Savonarola, a Dominican friar, was briefly a great influence on the religious and civic affairs of Florence. He was just as quickly executed when his activity ran foul – rightly or wrongly - of both Church and State. This was a very public confrontation between a member of the Order of Preachers - a Dominican – and a member of the Order of Saint Augustine – an Augustinian. A similar public confrontation involved these same two mendicant orders again about twenty years later.
It involved Johann Tetzel O.P. (1465 – 1519), the preacher of indulgences and Martin Luther O.S.A., the professor of theology and a leader in the Augustinian Observance movement. In 1517 Tetzel was preaching indulgences at Jüterbog, a small town outside of Saxony, not far from Wittenberg, where the indulgences were not allowed to be preached. In protest, Martin Luther nailed his ninety-five theses on the door of the Castle Church in Wittenberg on 31st October 1517.
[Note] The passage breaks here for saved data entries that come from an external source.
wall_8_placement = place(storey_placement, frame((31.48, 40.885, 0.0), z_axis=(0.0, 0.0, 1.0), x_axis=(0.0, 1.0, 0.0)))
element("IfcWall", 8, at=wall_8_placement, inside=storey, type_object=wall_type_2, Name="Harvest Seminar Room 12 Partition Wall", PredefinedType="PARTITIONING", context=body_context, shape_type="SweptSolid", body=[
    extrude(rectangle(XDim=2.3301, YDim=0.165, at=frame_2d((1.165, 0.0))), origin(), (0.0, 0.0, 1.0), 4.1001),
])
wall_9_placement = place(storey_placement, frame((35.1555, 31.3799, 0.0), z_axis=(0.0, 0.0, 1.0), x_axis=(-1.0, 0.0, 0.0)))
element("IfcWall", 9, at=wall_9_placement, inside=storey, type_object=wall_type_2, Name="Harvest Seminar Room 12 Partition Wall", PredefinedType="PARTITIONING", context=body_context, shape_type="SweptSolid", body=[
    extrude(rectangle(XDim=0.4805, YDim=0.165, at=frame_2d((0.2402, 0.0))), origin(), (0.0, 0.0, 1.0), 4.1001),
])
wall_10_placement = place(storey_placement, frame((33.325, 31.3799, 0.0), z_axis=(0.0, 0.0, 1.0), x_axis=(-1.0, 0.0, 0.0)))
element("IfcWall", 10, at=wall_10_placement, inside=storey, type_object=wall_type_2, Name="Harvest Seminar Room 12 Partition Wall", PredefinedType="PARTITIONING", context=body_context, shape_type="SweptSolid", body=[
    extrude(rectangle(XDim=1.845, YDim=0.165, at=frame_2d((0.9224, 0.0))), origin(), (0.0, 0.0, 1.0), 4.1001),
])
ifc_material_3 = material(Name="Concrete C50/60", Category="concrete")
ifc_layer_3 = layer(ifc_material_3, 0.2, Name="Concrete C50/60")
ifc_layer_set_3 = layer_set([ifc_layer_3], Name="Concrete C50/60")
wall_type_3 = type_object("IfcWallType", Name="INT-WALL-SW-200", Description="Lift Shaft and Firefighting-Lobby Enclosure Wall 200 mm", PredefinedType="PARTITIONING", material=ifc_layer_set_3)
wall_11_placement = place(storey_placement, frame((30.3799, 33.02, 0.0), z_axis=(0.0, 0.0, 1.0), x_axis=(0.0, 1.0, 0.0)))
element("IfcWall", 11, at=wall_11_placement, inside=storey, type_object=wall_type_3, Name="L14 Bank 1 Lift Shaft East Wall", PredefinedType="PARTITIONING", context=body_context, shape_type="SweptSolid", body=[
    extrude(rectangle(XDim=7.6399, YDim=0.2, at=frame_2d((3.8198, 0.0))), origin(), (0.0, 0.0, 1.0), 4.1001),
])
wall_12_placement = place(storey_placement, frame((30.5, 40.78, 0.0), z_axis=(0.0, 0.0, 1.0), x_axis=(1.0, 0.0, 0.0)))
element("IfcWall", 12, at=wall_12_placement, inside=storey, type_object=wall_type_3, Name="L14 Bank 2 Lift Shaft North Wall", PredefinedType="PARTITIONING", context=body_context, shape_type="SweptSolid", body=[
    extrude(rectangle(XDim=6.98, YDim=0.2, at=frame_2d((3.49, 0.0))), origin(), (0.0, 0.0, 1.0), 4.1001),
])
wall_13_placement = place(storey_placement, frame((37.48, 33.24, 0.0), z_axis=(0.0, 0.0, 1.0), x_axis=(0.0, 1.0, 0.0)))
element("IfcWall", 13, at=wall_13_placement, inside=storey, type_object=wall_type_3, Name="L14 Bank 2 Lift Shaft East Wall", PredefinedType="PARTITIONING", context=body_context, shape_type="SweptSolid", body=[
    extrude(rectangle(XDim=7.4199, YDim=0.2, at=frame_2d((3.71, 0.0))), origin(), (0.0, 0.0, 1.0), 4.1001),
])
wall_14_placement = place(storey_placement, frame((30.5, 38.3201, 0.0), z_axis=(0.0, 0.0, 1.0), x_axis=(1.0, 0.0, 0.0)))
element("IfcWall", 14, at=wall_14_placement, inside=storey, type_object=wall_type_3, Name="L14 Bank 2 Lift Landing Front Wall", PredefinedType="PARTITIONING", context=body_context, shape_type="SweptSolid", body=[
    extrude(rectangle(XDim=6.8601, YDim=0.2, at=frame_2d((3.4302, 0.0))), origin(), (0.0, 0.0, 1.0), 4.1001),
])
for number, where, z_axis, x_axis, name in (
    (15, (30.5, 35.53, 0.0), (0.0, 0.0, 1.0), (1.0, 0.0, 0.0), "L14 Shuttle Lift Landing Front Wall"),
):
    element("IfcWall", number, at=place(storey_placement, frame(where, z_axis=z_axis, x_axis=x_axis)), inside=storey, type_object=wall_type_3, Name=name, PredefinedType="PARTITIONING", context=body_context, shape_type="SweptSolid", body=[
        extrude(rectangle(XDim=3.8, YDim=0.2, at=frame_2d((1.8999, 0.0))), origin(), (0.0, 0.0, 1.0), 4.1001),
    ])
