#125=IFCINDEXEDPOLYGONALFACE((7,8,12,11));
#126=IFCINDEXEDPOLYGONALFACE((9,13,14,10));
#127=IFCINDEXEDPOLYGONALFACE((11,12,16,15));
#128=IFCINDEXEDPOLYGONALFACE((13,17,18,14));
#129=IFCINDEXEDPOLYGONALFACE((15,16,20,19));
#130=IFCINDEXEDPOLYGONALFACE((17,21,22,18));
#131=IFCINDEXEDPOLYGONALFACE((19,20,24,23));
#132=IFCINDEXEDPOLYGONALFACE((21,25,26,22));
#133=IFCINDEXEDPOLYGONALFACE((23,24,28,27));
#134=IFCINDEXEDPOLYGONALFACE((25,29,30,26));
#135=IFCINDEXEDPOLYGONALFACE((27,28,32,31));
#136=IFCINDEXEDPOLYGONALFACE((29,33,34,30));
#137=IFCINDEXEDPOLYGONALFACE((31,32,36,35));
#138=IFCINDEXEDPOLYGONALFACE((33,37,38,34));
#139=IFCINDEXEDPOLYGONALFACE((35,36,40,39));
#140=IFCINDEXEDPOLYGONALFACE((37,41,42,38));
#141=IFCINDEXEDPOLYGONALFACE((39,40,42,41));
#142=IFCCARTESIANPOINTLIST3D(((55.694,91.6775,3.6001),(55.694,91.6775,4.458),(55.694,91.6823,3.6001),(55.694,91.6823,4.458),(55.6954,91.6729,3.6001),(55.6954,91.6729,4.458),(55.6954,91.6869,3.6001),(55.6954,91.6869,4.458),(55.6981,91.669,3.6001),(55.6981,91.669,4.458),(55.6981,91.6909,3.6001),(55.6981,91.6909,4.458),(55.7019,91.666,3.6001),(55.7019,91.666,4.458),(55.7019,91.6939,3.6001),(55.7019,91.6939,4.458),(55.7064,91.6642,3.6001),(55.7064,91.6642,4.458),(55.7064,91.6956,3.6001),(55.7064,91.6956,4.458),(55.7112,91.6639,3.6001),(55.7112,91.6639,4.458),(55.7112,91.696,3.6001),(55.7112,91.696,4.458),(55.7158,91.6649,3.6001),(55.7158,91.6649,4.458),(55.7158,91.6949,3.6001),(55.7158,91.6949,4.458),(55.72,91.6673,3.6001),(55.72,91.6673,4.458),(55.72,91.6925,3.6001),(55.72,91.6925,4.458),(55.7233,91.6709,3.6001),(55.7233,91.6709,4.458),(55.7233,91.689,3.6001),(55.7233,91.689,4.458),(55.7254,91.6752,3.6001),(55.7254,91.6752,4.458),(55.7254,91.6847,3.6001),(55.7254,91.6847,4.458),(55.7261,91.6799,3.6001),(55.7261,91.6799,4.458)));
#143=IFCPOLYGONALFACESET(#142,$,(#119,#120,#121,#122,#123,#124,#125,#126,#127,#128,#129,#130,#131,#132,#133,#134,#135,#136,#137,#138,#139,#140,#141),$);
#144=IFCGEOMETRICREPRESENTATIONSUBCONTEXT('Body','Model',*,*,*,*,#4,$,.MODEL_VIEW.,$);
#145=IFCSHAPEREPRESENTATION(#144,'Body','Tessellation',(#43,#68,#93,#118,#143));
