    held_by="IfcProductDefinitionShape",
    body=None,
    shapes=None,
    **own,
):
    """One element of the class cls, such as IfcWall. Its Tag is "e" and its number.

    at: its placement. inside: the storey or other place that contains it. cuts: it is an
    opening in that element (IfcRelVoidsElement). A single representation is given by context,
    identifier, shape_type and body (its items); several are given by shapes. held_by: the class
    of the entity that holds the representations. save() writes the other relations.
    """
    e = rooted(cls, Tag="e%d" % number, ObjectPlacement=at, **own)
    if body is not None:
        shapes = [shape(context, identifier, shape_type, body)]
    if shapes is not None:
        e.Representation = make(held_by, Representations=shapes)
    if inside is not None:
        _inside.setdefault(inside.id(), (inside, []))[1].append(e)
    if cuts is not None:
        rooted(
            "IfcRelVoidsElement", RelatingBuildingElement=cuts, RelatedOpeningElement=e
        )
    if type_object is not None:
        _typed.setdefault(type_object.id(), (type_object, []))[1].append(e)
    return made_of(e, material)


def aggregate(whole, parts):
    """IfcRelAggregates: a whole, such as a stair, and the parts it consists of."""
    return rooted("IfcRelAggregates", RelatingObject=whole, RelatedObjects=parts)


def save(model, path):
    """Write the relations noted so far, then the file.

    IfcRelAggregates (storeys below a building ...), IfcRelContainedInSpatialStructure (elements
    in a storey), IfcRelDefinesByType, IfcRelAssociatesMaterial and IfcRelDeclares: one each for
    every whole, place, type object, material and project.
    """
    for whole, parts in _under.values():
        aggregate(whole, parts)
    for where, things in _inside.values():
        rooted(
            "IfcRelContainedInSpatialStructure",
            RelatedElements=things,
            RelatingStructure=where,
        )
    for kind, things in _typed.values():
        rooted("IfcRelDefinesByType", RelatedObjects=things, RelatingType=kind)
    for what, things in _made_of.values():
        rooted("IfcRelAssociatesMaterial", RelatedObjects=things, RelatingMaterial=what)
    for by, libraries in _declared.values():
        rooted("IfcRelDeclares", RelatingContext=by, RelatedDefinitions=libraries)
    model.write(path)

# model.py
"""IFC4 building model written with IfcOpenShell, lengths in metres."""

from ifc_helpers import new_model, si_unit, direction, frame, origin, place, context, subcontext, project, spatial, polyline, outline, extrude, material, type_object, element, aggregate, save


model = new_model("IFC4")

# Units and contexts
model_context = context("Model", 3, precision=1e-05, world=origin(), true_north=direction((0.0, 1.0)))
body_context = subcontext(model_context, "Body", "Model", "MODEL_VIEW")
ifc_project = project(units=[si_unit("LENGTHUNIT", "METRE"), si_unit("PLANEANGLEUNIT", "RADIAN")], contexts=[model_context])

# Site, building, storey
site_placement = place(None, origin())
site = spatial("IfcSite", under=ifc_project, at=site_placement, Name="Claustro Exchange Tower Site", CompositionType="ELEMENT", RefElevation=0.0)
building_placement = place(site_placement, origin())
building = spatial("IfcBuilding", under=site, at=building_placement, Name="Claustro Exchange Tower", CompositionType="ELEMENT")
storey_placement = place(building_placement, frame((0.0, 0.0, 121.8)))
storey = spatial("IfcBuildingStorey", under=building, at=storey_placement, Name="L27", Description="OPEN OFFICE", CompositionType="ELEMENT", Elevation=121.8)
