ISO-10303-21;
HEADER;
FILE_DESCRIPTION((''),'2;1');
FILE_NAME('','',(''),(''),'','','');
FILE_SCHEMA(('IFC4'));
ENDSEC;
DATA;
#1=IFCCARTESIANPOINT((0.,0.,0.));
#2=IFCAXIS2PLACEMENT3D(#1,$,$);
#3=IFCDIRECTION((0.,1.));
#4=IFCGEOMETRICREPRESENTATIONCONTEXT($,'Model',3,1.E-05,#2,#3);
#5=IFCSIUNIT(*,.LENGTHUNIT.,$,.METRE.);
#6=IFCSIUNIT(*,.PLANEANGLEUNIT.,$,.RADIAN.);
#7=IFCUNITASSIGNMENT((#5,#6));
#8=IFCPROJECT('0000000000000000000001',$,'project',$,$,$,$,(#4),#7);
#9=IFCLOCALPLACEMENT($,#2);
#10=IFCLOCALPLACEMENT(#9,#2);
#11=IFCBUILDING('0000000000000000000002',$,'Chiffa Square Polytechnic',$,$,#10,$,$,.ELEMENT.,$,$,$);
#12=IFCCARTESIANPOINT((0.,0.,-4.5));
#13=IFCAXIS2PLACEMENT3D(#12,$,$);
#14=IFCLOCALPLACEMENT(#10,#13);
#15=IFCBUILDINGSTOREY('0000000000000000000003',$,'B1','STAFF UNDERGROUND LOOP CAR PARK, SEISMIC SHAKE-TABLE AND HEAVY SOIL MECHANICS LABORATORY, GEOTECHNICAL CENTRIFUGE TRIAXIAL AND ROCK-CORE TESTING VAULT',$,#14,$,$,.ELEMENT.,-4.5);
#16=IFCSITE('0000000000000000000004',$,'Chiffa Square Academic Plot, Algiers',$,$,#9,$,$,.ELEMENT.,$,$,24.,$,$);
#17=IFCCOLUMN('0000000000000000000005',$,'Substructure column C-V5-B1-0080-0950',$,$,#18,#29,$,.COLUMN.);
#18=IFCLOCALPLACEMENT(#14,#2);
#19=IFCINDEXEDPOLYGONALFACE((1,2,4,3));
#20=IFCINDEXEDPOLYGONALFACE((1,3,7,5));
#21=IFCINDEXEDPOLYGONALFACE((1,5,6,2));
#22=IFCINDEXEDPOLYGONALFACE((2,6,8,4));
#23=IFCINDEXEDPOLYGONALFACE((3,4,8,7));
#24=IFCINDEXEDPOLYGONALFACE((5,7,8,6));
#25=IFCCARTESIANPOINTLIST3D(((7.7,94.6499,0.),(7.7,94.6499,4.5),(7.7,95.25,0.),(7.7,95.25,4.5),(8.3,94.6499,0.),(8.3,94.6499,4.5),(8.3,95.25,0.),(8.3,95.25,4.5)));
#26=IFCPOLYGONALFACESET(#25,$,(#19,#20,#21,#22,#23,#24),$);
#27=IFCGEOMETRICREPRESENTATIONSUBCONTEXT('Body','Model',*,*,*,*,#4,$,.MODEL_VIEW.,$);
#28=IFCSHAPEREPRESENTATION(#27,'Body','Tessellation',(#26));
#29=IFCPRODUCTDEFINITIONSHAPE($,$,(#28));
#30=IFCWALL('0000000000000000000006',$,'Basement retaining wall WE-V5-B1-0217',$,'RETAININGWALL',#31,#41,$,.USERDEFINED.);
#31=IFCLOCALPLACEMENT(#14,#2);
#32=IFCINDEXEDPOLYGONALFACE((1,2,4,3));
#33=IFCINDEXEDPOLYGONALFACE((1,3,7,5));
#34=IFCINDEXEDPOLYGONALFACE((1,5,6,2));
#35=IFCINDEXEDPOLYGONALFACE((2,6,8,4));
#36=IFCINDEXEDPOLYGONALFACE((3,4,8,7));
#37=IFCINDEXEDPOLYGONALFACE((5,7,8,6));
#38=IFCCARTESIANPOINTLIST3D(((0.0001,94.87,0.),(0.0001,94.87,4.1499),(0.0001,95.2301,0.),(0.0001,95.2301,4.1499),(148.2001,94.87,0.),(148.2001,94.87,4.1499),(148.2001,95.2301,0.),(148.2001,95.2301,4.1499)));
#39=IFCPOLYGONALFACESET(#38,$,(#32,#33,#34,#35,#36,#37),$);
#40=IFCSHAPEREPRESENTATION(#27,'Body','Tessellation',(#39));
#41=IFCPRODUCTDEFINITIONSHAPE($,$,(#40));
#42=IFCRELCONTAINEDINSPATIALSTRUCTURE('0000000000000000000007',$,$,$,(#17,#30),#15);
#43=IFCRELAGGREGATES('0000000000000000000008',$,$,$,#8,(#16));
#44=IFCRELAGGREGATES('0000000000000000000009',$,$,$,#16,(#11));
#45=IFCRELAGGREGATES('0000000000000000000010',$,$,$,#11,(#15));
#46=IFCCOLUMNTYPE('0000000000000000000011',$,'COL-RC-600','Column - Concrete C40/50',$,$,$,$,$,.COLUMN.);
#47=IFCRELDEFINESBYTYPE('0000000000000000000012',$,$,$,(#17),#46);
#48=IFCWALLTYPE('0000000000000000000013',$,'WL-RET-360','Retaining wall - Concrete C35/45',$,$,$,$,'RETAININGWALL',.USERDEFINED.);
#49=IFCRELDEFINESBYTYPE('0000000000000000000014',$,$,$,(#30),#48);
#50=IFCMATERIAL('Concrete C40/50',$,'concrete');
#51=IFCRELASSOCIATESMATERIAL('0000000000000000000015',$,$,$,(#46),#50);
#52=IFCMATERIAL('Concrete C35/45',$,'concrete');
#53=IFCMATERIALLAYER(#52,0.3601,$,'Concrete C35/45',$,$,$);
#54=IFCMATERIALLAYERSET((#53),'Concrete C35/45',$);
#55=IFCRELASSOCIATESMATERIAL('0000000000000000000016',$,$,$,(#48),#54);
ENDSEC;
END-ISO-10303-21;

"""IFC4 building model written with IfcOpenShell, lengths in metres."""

from ifc_helpers import new_model, si_unit, direction, frame, frame_2d, origin, origin_2d, place, context, subcontext, project, spatial, rectangle, extrude, material, layer, layer_set, material_profile, profile_set, type_object, element, save


model = new_model("IFC4")

# Units and contexts
model_context = context("Model", 3, precision=1e-05, world=origin(), true_north=direction((0.0, 1.0)))
body_context = subcontext(model_context, "Body", "Model", "MODEL_VIEW")
ifc_project = project(units=[si_unit("LENGTHUNIT", "METRE"), si_unit("PLANEANGLEUNIT", "RADIAN")], contexts=[model_context])

# Site, building, storey
site_placement = place(None, origin())
site = spatial("IfcSite", under=ifc_project, at=site_placement, Name="Chiffa Square Academic Plot, Algiers", CompositionType="ELEMENT", RefElevation=24.0)
building_placement = place(site_placement, origin())
building = spatial("IfcBuilding", under=site, at=building_placement, Name="Chiffa Square Polytechnic", CompositionType="ELEMENT")
storey_placement = place(building_placement, frame((0.0, 0.0, -4.5)))
storey = spatial("IfcBuildingStorey", under=building, at=storey_placement, Name="B1", Description="STAFF UNDERGROUND LOOP CAR PARK, SEISMIC SHAKE-TABLE AND HEAVY SOIL MECHANICS LABORATORY, GEOTECHNICAL CENTRIFUGE TRIAXIAL AND ROCK-CORE TESTING VAULT", CompositionType="ELEMENT", Elevation=-4.5)

# Shared definitions
ifc_material_1 = material(Name="Concrete C35/45", Category="concrete")

# Column
ifc_material_2 = material(Name="Concrete C40/50", Category="concrete")
ifc_material_profile_1 = material_profile(ifc_material_2, rectangle(XDim=0.6001, YDim=0.6001, at=origin_2d()), Name="RC 600x600")
ifc_profile_set_1 = profile_set([ifc_material_profile_1], Name="Concrete C40/50")
column_type_1 = type_object("IfcColumnType", Name="COL-RC-600", Description="Column - Concrete C40/50", PredefinedType="COLUMN", material=ifc_profile_set_1)
for number, where, z_axis, x_axis, name in (
    (1, (8.0, 94.95, 0.0), (0.0, 0.0, 1.0), (1.0, 0.0, 0.0), "Substructure column C-V5-B1-0080-0950"),
):
    element("IfcColumn", number, at=place(storey_placement, frame(where, z_axis=z_axis, x_axis=x_axis)), inside=storey, type_object=column_type_1, Name=name, PredefinedType="COLUMN", context=body_context, shape_type="SweptSolid", body=[
        extrude(rectangle(XDim=0.6001, YDim=0.6001, at=origin_2d()), origin(), (0.0, 0.0, 1.0), 4.5),
    ])

# Wall
ifc_layer_1 = layer(ifc_material_1, 0.3601, Name="Concrete C35/45")
ifc_layer_set_1 = layer_set([ifc_layer_1], Name="Concrete C35/45")
wall_type = type_object("IfcWallType", Name="WL-RET-360", Description="Retaining wall - Concrete C35/45", ElementType="RETAININGWALL", PredefinedType="USERDEFINED", material=ifc_layer_set_1)
wall_placement = place(storey_placement, frame((0.0, 95.05, 0.0), z_axis=(0.0, 0.0, 1.0), x_axis=(1.0, 0.0, 0.0)))
element("IfcWall", 2, at=wall_placement, inside=storey, type_object=wall_type, Name="Basement retaining wall WE-V5-B1-0217", ObjectType="RETAININGWALL", PredefinedType="USERDEFINED", context=body_context, shape_type="SweptSolid", body=[
    extrude(rectangle(XDim=148.2, YDim=0.3601, at=frame_2d((74.1001, 0.0))), origin(), (0.0, 0.0, 1.0), 4.1499),
])

save(model, "model.ifc")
Like later in the instance of Tetzel and Luther, the battlefield chosen in Florence for this confrontation was the pulpit. Some of the effort of Mariano da Genazzano O.S.A. to bring Savonarola into public disfavour in Florence was not the work of God but the command of Lorenzo de’Medici, the embattled ruler of Florence. This matter of the preaching of Mariano da Genazzano O.S.A. is raised here only for the purpose of illustrating that the Order of Saint Augustine had the patronage of the powerful and wealthy in Florence. It accepted the support of public figures who were not known for maintaining the highest moral and ethical standards. This is not to suggest that other religious orders did not have similar assistance.